Poor performance, not hitting any KPI’s this quarter we’re gonna have to circle back offline and create a slide deck to share with senior stakeholders explaining why we haven’t met our targets and why our NPS score is in the toilet.
This isn’t a good look for our team and as a result we will have more team building exercises as punishment.
Check your diaries I’ve booked a 10 hour retro with no breaks so we can go over what we can improve for the next quarter where ill take no actions on anything discussed and put tickets in our backlog for the next quarter for the next planning meeting. I dont want to hear any complaints about not being provided a keyboard reduces output we dont have budget for keyboards.
Dort_Owl is being put on a performance plan.
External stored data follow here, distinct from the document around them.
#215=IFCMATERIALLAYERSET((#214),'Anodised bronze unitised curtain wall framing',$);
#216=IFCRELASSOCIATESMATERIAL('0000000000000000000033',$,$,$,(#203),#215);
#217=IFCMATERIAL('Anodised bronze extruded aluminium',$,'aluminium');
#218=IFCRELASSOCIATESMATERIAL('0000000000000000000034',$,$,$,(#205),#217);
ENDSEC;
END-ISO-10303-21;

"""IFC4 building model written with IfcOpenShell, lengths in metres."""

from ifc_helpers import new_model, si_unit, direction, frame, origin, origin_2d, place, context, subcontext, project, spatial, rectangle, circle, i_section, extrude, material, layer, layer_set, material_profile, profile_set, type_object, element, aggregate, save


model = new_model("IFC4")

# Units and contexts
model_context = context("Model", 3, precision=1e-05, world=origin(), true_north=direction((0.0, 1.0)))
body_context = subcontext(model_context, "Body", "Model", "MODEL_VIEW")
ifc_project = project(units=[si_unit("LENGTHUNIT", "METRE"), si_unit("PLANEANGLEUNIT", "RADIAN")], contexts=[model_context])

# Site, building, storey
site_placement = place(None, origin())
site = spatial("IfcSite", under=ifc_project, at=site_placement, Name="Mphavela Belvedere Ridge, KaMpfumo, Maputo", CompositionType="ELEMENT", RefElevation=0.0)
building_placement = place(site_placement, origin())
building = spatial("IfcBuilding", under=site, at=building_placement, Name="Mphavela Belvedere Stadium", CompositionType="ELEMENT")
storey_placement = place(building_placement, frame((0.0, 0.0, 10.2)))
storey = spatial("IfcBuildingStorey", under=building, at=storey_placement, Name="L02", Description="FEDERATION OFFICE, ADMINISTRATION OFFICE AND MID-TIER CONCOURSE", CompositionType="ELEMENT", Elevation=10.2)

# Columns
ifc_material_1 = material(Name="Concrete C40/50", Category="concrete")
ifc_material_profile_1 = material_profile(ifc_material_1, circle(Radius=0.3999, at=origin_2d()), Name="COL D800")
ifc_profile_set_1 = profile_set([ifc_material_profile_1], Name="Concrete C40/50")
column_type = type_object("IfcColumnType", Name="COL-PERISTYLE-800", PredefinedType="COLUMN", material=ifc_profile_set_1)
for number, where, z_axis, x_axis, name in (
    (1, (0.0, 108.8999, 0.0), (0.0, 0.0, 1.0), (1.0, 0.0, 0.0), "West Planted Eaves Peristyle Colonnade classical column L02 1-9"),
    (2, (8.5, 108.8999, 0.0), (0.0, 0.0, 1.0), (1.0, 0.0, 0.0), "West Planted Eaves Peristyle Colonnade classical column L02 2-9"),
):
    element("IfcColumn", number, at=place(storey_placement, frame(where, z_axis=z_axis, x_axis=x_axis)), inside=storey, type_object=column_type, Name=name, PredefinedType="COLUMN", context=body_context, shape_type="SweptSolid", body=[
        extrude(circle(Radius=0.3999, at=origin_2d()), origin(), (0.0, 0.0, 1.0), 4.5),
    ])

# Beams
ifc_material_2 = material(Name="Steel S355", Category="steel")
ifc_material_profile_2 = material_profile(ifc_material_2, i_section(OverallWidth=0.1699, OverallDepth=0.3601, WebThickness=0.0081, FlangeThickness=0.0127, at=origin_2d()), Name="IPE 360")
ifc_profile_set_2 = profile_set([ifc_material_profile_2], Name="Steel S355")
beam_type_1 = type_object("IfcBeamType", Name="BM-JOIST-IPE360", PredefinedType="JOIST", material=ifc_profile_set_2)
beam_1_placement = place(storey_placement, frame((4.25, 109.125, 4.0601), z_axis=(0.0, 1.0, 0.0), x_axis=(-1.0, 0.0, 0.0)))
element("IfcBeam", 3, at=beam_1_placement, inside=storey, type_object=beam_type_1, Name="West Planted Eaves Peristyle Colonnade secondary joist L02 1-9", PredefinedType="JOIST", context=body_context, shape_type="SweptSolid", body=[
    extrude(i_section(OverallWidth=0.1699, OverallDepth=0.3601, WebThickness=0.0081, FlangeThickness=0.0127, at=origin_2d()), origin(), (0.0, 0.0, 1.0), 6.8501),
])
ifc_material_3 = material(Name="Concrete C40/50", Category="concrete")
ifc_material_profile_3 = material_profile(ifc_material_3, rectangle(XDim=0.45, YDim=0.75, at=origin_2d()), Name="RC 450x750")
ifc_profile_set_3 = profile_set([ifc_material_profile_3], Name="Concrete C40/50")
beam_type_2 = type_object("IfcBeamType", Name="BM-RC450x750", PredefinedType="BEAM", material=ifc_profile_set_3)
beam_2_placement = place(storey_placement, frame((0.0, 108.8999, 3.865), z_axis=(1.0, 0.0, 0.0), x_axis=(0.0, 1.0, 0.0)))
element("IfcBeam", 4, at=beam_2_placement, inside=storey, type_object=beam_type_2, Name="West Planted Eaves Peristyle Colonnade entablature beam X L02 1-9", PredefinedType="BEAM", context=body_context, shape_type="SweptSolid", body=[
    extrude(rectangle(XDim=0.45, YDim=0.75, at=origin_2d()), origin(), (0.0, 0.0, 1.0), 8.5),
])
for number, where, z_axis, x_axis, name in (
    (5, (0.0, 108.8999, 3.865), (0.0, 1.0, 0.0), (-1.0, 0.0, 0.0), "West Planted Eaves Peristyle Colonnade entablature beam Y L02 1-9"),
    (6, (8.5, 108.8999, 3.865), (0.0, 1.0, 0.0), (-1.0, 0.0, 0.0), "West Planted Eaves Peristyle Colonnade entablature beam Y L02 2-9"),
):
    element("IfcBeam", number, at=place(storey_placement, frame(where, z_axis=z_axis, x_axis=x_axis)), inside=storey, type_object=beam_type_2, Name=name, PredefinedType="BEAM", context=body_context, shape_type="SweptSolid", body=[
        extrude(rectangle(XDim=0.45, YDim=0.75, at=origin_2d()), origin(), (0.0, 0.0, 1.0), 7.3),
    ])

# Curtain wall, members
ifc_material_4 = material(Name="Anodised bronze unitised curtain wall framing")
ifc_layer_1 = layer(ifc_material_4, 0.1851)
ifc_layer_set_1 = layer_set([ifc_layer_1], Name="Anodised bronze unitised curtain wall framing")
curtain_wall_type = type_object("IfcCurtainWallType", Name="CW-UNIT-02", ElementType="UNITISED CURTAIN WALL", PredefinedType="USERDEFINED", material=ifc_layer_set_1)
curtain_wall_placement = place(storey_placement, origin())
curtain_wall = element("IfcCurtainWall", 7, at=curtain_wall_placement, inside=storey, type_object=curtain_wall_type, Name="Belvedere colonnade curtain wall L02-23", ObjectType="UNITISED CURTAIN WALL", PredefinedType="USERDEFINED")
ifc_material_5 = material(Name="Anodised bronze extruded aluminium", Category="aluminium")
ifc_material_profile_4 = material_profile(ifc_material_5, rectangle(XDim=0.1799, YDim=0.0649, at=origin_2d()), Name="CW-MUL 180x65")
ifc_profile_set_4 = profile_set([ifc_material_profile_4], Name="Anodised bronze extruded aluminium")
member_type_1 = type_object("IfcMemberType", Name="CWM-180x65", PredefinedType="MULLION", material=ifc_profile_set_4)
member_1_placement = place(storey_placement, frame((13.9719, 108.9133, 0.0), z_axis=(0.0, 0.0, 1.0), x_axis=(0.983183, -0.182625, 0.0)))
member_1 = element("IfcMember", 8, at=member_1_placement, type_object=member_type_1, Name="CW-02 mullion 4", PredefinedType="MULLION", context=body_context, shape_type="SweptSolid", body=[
I’ve taken the privilege of setting you all development goals on how we can use AI to increase badposting output I expect 10x posters to become 100x posters we need to ship or I’ll have you all replaced with offshore hamsters
I took a shit in the office soap dispenser
If you can provide a slide deck on how this improves team performance i’ll let you off
Whatever i don’t even work here i just post for the love of the game
If you like this post you’re self reporting as a PMC
Hey man I’ve been calling out goodposts in c/badposting for years, so if you go after me it’s retaliation!
Call it a 2at3

Dort_Owl is being put on a performance plan.
Look, when you hired me I told you I was a lazy good for nothing and you said it wouldn’t be a problem. Also you’ve yet to match what the Cuteposting comm is paying me and frankly they’re offering better healthcare
Lets pick this up in our next one to one. Your contract stipulates your brain is company property as you’ve seen and produced our IP so if you leave we will have to reclaim what’s rightfully ours
Yeah well jokes on you I signed that contract in PISS so every time you read it, you touch my PISS!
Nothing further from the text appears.